Title: Inhibition of Tumor Cell Invasiveness by Chemically Modified Tetracyclines
Volume: 8
Issue: 3
Author(s): Y. Gu, M. H. Lee, J. E. Roemer, L. Musacchia, M. L. Golub and R. S. Simon
Affiliation:
Keywords:
Tumor invasive, modified tetracyclines, colo 205, matrix metalloprotinases, plasma proteinases, multiwell microplates, zymographic analysis, radiolabeled ECM, chromogenic coupled enzyme assay, casein impregnated gels, immunoreactive MMP 1, Densitometric scans
Abstract: COLO 205 is a cell line derived from a human colon carcinoma with high degradative activity towards extracellular matrix (ECM). It has been shown that COLO 205 cells produce matrix metalloproteinases (MMPs). MMPs are a family of enzymes known to degrade components of the ECM and have been implicated in tumor invasion. In the present study, we have analyzed the multiple effects of chemically modified tetracyclines (CMTs) on the expression and activity of MMPs secreted by COLO 205 cells in vitro with the aim of evaluating these compounds for potential use in management of invasive tumors.
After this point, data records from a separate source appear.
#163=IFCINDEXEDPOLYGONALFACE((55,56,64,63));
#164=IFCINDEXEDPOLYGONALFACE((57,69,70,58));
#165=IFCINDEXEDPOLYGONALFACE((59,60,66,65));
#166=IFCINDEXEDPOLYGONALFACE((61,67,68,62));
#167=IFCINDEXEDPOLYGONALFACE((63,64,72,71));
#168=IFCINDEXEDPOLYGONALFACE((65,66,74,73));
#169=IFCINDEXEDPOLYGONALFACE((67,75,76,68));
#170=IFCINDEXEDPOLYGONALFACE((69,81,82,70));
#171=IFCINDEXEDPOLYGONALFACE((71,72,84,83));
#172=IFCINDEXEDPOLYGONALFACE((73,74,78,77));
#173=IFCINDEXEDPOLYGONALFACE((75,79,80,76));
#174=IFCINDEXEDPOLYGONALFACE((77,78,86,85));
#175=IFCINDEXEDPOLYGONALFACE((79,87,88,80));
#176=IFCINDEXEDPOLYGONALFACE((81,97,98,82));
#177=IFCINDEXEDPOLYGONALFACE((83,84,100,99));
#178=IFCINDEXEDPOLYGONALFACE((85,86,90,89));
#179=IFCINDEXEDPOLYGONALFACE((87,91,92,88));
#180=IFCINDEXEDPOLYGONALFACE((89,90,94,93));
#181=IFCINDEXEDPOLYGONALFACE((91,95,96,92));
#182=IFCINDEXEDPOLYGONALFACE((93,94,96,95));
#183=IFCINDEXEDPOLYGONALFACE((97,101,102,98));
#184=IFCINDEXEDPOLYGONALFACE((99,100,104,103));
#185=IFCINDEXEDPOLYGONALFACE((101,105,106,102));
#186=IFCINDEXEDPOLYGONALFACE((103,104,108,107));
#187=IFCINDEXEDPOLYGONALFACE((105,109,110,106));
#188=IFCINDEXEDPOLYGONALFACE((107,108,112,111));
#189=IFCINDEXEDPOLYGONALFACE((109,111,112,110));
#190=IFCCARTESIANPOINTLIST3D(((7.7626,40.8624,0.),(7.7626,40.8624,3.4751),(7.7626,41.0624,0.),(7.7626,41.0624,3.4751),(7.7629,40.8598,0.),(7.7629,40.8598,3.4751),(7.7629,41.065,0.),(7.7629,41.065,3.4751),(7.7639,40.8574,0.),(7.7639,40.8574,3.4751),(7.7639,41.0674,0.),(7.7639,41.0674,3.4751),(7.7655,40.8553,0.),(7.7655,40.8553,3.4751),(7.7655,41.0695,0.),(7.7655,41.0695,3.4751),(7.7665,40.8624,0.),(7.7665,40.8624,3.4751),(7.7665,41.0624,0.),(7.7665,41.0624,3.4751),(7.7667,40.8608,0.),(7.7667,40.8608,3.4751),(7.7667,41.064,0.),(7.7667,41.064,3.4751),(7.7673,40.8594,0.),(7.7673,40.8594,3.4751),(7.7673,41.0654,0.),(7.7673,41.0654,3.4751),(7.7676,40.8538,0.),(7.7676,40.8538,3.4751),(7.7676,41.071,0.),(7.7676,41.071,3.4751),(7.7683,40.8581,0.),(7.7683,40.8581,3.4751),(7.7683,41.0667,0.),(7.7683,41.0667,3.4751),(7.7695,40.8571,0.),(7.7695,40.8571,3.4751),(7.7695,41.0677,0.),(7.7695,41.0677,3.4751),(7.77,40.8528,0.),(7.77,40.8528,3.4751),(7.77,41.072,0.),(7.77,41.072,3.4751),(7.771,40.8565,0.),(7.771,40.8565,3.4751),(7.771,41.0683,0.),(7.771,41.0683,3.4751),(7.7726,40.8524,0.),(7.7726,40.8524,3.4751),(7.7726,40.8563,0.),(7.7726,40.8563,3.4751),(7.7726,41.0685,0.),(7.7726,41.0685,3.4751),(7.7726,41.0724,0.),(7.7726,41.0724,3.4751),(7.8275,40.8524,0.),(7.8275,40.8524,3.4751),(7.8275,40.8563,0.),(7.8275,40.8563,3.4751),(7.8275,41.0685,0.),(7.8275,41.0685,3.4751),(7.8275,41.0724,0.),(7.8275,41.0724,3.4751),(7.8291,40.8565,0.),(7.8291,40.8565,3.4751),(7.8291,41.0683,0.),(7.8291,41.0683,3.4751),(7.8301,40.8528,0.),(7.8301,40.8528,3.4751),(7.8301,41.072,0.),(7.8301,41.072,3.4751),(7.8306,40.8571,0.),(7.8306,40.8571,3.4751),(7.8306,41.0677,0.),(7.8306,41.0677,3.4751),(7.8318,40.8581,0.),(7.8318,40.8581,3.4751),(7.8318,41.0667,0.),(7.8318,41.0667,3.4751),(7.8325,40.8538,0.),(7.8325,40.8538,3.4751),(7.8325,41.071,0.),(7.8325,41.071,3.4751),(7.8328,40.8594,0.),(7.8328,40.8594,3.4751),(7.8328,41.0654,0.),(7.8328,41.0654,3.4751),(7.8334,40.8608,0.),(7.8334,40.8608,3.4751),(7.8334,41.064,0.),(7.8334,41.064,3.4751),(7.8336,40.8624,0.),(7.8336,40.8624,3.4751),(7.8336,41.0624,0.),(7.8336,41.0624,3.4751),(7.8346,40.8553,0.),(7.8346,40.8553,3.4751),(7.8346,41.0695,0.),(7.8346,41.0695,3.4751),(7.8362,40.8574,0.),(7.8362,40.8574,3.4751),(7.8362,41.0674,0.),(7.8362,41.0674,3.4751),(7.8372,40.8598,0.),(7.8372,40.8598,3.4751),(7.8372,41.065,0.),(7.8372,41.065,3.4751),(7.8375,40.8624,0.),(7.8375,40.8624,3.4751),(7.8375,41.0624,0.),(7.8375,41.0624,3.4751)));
Because COLO 205 cells can degrade an interstitial ECM in serum-free medium in vitro, we have been able to compare the effects of the tetracyclines on this measure of invasive activity with their effects on proteinase expression and activity. We demonstrate here that one of the chemically modified tetracyclines, 6-deoxy-6-demethyl- 4-de(dimethylamino)tetracycline (CMT-3) can effectively inhibit ECM degradation mediated by COLO 205 cells or their conditioned medium. Gelatin zymography and immunoblots show that CMT-3 has the ability to inhibit release of MMP-2 into conditioned medium as well as to inhibit MMP-2 gelatinolytic activity, which correlates with the results from ECM degradation assays. On the basis of our findings with COLO 205 cells we have expanded our evaluation of the tetracyclines to include effects on a genetically engineered line of MDA-MB-231 breast tumor cells overexpressing MMP-9 at levels over tenfold those of the parent cell line, and on three human prostate tumor cell lines, LNCaP, DU-145, and PC-3. We show here that CMT-3 displays multiple modes of action inhibiting MMP activity, reducing levels of MMP expression, and exhibiting selective cytotoxicity towards some of the tumor cell lines.